One of the most valuable documents in the world is the U.S. passport. With it, there are only a few places you can’t travel to, and, when you’re abroad, it can sometimes protect you. If you don’t have one, this post will help you learn what you need to get a U.S. passport.


How to Get a U.S. Passport

Although we all want one, only U.S. citizens or U.S. nationals are eligible for a U.S. passport. A U.S. national is someone from American Samoa or Swain’s Island.

If you are not currently a U.S. citizen, you can go through the naturalization process and receive a U.S. passport as soon as you complete the process.

If you are eligible, the process to get a U.S. passport is fairly simple.

DS-11, Application for a U.S. Passport

How to Get a U.S. Passport
The first page of form DS-11, Application for a U.S. Passport.

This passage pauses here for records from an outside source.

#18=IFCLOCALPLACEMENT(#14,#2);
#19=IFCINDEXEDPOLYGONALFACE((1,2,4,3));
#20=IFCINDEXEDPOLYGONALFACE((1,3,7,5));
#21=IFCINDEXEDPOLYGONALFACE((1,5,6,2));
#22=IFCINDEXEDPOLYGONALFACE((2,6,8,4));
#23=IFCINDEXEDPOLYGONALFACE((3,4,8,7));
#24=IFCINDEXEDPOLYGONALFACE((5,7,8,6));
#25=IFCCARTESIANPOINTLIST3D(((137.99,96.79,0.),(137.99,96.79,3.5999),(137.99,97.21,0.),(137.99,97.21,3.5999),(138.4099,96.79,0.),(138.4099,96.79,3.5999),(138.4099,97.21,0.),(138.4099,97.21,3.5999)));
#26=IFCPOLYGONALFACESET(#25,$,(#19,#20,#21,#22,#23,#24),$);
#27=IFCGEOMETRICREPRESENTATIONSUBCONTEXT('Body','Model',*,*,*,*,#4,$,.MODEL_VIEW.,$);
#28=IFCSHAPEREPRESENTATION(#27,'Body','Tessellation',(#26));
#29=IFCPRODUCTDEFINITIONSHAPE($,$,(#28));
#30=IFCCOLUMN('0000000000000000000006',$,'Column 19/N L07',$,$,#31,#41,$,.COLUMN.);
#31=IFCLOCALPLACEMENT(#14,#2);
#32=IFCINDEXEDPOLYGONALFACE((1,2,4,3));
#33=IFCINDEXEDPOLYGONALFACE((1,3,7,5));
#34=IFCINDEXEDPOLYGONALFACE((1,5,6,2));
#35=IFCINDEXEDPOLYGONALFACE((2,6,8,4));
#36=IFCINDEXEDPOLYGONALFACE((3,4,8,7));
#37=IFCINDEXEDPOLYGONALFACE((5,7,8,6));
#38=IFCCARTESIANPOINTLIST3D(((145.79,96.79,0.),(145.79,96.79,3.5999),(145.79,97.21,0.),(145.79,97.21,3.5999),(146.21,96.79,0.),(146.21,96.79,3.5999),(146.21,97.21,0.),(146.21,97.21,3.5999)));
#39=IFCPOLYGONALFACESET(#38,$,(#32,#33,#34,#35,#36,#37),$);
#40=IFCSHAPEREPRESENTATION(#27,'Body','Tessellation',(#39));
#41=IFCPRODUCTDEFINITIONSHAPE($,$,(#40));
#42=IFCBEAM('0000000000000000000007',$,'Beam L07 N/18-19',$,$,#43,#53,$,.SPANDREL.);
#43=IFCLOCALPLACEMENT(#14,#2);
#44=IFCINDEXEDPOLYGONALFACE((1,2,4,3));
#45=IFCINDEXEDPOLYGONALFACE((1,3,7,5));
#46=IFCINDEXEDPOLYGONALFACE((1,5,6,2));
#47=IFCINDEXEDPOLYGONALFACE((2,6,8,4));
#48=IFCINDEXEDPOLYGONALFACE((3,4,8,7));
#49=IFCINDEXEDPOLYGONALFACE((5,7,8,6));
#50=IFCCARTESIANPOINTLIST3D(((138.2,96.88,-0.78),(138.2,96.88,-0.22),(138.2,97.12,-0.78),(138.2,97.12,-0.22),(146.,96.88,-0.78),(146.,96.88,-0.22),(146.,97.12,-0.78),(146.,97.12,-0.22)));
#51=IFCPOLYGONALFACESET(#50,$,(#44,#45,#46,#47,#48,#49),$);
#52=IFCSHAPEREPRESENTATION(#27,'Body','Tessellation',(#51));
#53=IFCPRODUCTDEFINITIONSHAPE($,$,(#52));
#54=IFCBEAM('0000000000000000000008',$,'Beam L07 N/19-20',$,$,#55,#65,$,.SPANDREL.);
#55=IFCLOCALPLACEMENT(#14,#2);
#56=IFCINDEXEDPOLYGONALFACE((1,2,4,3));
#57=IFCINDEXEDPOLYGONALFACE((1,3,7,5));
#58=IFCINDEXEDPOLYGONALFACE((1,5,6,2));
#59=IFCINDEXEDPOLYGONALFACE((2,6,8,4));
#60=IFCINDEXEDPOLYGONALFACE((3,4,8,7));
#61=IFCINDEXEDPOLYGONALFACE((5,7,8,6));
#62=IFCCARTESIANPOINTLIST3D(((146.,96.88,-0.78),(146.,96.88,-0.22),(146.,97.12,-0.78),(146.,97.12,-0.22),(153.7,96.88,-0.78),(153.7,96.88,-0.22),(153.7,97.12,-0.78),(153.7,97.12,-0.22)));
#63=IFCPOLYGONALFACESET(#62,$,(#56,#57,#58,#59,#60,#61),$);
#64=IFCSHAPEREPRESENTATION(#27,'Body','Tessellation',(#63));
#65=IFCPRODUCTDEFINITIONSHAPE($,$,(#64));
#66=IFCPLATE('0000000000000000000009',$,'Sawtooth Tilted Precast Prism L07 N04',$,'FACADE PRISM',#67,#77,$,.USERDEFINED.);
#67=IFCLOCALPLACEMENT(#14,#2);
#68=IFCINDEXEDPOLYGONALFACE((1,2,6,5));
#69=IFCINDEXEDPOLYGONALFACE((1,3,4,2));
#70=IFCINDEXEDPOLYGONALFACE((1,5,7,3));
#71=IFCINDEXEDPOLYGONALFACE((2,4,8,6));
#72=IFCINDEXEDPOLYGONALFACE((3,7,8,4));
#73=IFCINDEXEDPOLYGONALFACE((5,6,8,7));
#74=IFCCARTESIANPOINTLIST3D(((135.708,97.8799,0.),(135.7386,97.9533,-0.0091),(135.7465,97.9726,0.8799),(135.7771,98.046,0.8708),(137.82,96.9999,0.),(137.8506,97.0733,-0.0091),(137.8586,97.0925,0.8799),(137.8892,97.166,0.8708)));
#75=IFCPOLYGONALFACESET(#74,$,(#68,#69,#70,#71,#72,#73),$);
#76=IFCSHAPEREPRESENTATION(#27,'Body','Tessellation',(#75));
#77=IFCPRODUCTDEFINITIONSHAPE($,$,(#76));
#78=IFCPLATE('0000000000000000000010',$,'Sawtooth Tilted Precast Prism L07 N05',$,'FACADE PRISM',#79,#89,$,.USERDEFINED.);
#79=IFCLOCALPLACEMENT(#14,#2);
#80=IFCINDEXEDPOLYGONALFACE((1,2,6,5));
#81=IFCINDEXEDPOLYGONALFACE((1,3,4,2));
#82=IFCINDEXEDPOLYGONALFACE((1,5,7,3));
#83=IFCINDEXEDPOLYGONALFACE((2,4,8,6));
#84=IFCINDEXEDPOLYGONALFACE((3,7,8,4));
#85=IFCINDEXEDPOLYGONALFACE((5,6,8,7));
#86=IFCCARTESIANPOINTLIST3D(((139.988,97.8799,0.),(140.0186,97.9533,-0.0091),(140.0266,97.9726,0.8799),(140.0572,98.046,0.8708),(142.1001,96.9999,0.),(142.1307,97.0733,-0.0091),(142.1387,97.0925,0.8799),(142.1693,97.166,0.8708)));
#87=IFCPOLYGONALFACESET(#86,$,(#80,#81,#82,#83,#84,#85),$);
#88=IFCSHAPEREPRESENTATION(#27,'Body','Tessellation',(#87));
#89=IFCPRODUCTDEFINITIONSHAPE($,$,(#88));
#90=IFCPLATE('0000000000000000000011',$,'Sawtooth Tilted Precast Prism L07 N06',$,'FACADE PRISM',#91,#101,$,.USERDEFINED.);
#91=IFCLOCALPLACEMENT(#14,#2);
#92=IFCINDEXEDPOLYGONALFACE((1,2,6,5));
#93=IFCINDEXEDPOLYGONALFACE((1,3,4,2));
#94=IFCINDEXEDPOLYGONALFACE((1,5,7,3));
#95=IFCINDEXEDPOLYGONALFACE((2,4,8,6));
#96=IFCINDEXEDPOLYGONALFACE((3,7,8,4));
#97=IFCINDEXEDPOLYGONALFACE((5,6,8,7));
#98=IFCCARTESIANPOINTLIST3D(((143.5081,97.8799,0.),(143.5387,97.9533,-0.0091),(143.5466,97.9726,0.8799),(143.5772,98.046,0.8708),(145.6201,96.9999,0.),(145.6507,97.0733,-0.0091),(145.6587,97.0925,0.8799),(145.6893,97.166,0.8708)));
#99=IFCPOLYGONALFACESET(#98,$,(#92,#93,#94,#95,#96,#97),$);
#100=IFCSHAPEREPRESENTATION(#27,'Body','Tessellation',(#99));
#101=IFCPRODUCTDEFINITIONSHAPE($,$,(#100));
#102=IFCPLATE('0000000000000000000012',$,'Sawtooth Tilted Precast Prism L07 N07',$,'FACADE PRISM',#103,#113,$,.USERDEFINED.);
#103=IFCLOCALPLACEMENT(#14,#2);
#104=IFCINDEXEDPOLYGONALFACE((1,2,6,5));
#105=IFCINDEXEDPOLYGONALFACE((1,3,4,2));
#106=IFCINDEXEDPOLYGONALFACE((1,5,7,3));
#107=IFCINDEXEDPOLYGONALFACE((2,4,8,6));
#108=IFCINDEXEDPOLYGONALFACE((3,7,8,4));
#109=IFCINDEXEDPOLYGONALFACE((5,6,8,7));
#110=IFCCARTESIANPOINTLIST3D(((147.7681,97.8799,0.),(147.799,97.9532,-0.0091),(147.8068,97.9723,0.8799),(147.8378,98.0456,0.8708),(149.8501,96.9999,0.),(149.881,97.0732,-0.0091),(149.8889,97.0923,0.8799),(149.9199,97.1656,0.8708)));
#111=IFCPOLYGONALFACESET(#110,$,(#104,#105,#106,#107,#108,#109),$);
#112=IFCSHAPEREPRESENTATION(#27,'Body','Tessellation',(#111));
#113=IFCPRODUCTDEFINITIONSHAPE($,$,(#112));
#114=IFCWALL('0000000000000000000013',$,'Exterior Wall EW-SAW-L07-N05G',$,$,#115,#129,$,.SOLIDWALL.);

Form DS-11, Application for a U.S. Passport, is the only form needed for those applying for a U.S. passport for the first time. To fill out the form, you need to have responses to the following topics:

  1. Basic biographical information
  2. Social Security Number
  3. Email address and phone number
  4. Address information
  5. Information regarding any previous name changes
  6. Parental information
  7. Marital history
  8. Occupation and employer information if applicable
  9. School information if applicable
  10. Travel plans if applicable
  11. Emergency contact information

It’s important to know that only the top half should be filled out by the applicant on the first page and then continue on the second page of the application. After you’ve filled out the form, make sure you do not sign it.

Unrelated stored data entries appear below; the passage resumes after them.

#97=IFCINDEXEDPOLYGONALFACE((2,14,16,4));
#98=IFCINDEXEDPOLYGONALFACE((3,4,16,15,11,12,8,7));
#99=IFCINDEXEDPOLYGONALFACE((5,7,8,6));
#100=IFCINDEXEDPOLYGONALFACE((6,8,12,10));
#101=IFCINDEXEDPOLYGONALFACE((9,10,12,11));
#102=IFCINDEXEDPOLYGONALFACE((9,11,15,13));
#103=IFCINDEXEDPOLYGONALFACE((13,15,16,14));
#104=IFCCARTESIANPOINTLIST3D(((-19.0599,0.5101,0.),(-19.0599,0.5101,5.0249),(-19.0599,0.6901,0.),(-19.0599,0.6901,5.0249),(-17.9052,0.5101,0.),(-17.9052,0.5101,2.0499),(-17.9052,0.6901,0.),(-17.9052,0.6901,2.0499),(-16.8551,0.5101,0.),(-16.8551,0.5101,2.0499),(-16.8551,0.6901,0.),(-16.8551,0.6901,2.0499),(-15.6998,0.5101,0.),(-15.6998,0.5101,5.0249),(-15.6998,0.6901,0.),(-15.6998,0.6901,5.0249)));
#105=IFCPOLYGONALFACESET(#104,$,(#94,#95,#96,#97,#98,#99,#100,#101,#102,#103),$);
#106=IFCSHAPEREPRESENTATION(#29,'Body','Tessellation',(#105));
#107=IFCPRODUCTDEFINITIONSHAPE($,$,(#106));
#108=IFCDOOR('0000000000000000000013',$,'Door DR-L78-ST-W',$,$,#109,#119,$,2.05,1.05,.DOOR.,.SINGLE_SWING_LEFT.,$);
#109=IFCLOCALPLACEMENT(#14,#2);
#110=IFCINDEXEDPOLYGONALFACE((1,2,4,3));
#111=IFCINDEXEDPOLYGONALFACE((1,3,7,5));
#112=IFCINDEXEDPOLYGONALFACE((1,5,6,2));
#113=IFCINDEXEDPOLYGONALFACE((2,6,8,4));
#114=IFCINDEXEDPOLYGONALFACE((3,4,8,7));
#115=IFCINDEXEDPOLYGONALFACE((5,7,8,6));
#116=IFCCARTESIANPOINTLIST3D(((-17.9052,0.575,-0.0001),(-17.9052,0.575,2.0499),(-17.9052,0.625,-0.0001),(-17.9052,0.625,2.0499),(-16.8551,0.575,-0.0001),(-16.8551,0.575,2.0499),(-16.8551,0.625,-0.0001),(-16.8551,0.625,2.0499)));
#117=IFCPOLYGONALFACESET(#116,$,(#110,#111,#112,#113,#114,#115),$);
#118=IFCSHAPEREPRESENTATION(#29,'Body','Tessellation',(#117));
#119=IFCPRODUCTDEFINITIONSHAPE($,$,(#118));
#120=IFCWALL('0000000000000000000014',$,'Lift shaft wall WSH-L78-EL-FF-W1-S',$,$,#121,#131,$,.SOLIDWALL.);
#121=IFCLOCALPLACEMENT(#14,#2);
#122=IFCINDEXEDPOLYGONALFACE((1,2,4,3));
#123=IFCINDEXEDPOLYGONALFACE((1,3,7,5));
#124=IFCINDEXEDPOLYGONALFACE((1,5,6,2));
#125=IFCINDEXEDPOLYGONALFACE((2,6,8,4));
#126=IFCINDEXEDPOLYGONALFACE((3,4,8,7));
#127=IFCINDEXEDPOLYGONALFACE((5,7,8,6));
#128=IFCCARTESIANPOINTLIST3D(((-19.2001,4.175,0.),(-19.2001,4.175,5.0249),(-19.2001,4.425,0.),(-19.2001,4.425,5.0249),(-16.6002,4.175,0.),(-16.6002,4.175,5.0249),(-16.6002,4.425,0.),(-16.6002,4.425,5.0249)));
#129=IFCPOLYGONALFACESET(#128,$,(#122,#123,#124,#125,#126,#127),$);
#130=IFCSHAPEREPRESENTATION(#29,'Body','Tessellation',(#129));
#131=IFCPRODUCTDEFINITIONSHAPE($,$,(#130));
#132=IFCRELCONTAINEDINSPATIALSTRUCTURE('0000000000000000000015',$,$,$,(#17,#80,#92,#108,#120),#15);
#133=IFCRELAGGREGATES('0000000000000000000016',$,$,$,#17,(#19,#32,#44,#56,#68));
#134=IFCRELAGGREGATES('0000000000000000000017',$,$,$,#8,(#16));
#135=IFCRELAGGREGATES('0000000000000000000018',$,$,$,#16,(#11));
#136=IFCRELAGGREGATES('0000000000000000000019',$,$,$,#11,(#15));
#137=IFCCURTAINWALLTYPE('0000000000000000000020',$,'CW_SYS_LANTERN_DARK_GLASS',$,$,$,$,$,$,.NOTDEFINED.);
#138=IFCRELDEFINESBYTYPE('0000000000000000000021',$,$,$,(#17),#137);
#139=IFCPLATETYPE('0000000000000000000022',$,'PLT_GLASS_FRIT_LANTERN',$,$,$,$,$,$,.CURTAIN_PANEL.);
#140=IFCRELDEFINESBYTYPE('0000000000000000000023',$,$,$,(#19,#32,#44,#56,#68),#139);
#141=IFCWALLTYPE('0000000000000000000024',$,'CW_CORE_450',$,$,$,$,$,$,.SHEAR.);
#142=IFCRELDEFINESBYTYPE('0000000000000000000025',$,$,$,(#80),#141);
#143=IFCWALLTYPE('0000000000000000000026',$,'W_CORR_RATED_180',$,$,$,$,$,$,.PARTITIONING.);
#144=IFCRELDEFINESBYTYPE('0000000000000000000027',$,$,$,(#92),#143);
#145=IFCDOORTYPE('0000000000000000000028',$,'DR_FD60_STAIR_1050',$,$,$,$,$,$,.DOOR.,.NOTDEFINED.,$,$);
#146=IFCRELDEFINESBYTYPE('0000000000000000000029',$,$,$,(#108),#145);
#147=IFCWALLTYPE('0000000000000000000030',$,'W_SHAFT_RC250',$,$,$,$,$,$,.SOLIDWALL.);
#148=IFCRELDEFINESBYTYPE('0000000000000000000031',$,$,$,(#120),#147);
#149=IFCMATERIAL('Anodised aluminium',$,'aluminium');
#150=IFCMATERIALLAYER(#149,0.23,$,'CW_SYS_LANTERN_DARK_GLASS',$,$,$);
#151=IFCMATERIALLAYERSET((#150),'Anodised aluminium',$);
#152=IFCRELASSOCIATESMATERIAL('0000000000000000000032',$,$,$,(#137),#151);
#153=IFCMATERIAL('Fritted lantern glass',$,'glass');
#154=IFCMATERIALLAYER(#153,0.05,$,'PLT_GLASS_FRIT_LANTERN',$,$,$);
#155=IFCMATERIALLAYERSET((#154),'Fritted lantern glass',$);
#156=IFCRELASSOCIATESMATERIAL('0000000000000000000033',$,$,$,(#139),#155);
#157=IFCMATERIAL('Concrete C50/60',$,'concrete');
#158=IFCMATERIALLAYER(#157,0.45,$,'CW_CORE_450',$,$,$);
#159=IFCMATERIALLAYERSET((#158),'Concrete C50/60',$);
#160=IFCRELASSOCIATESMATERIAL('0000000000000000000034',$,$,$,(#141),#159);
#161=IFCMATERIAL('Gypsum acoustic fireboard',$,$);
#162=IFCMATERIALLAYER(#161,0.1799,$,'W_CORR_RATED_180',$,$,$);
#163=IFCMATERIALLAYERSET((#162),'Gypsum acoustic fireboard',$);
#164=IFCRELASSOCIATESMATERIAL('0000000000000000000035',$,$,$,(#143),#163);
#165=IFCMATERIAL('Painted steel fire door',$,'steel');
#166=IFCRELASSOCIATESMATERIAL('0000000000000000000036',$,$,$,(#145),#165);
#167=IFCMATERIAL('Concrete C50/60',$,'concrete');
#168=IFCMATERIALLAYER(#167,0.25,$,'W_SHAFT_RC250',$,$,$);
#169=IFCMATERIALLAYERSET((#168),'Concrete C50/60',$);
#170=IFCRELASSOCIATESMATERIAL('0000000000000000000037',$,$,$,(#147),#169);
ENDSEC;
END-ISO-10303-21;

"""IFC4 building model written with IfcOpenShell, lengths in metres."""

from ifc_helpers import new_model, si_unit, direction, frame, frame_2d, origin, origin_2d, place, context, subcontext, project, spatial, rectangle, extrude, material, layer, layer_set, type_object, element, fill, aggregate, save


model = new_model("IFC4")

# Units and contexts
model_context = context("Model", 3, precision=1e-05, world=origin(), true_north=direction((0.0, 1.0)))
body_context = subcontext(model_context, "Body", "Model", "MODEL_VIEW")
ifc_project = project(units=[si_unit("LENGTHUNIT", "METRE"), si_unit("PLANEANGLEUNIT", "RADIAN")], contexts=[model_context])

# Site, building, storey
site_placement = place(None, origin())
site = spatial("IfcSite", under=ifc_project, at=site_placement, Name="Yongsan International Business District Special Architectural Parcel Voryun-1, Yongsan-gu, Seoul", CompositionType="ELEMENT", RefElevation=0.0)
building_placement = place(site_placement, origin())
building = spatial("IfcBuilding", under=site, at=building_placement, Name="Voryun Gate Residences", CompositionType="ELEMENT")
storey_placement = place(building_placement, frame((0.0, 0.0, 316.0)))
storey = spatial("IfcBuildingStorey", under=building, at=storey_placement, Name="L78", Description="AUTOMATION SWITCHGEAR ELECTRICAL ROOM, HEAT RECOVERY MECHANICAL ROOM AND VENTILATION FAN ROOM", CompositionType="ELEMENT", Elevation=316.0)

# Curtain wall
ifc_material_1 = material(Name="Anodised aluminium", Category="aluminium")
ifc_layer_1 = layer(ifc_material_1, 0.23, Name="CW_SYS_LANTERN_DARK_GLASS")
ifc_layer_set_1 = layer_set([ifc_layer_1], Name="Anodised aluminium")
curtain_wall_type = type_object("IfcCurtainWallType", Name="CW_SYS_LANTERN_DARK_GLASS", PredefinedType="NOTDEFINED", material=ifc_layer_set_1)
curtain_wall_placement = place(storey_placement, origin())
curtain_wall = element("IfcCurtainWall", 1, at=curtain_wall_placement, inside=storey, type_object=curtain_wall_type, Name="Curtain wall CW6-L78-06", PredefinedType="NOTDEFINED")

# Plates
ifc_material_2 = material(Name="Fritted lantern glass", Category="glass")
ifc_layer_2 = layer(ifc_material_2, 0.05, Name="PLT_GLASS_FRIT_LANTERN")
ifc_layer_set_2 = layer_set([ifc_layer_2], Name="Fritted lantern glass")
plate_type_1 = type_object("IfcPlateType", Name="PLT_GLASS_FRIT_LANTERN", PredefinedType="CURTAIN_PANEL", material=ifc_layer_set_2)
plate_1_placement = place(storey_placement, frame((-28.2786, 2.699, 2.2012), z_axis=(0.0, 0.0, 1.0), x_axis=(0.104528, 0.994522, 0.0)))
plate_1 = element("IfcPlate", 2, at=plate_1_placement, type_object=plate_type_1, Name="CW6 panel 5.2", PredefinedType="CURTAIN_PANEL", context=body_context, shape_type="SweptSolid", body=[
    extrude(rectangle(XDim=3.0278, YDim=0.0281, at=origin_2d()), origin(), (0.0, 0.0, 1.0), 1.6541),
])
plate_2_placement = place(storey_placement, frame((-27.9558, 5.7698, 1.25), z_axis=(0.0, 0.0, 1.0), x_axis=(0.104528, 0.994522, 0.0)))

The U.S. State Department allows you to fill out the form online using their form filler tool.

Documents Required for U.S. Passport Application

Along with your DS-11, you need to submit the following documents:

  1. U.S. Citizenship Proof
  2. Identification
  3. Photographs

Evidence of U.S. Citizenship

The State Department requires primary evidence of citizenship but will accept secondary evidence if primary evidence isn’t available.

The State Department states the following as primary evidence:

  • U.S. birth certificate
  • If born outside the U.S., you can submit one of the following:
    • Consular report of birth abroad
    • Naturalization Certificate
    • Citizenship Certificate

The following are examples of secondary evidence:

  • A delayed birth certificate that states how it was created and has a signature of a birth attendant or affidavit signed by parents
  • Letter of No Record
    • This is a letter issued by the state registrar
    • Should state applicant’s name and birthdate
    • Should list the years the birth certificate was searched along with a statement that no birth certificate exists

If you submit one of the two options for secondary evidence, you must also submit early public records. These public records need to have the applicant’s full name, birth date, and place of birth. The following are examples of early public records:

  • Hospital birth certificate that show’s baby footprints
  • Baptism certificate
  • Census records
  • School records
  • Medical records of post-natal care

Find out whether Babies Need Passports for U.S. Immigration.

If you become a U.S. citizen due to a parent naturalizing, make sure to submit your foreign birth certificate that lists your parents, your parent’s naturalization certificate, and a copy of your green card.

When submitting citizenship evidence, make sure it is a photocopy of the original document or certified copy.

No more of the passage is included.